Moortown Farm, across the lane from us, was owned by Ted Hughes, who was Poet Laureate for many years. Writing in 1979, in the preface to ‘Moortown Diaries’, Ted Hughes says this:
Buried in their deep valleys, in undated cob-walled farms hidden not only from the rest of England but even from each other, connected only by the inexplicable, Devonshire, high-banked, deep-cut lanes that are more like a maze of defensive burrows, these old Devonians lived in a time of their own… The breed was so distinct, so individualised and so all of a piece that they seemed to me also a separate race.
How rapidly that changed within the next decade, how completely that ancient world and its spirit vanished, as the older generation died off and gave way to sons who were plunged into the finance nightmares, the technological revolutions and international market madness that have since devastated farmers, farms, and farming every seen , intensifying right up to this moment…..

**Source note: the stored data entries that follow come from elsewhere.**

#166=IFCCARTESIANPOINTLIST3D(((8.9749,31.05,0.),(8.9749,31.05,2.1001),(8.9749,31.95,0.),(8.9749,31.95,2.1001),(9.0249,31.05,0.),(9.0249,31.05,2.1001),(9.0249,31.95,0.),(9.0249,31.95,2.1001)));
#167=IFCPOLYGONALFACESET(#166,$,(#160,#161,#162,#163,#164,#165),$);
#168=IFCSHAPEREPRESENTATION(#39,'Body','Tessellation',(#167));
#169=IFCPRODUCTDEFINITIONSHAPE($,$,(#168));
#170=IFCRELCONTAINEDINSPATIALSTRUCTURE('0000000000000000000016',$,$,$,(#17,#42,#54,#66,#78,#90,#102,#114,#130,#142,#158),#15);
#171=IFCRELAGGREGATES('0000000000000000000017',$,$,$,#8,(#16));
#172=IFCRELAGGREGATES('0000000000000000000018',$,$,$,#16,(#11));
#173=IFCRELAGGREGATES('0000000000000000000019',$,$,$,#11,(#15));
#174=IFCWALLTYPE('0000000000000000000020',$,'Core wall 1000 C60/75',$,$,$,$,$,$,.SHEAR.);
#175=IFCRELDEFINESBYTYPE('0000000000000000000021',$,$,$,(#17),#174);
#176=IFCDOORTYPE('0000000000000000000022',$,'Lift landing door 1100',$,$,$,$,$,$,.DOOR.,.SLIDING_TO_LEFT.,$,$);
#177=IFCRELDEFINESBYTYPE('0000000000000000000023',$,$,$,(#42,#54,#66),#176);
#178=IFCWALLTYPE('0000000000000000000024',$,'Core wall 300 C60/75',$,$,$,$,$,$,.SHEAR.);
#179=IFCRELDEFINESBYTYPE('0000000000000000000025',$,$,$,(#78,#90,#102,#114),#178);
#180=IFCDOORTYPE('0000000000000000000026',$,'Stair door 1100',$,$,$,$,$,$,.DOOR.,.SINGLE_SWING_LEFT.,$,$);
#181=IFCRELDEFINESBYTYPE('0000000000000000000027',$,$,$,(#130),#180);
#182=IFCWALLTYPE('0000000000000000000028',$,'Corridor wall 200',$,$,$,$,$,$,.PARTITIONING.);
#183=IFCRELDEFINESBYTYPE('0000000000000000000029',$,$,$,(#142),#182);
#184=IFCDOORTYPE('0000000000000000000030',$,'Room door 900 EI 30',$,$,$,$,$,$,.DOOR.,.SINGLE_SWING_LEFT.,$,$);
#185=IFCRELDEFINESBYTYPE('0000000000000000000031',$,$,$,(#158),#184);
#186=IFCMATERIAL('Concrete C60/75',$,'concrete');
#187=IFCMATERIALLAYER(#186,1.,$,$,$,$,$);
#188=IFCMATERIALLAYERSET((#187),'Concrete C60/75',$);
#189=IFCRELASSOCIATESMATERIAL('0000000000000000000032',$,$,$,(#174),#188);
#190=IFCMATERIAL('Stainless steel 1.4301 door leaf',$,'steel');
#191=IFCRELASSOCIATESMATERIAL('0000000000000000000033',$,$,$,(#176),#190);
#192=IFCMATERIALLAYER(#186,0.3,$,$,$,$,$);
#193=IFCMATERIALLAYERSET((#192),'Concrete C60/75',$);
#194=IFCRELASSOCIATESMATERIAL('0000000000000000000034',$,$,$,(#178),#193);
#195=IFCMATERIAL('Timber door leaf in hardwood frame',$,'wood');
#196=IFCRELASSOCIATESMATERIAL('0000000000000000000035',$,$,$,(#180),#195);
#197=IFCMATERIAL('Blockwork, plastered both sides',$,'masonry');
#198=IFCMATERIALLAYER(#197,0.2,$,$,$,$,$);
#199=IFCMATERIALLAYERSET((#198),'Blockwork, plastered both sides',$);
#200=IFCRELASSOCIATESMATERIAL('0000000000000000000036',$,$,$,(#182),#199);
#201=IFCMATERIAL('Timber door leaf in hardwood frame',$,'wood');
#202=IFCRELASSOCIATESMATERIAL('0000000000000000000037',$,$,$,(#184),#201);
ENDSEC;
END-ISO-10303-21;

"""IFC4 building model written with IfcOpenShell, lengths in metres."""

That seismic upheaval which has been, probably, one of the biggest extinctions so far in the evolution of the English countryside and farming tradition. … this deeply satisfying self-reliant if occasionally gruelling way of life had mutated – into a jittery, demoralised, industrial servitude, in effect farming not stock and land but grants and subsidies, at the mercy of foreign politicians, big business conglomerates, banks managers and accountants.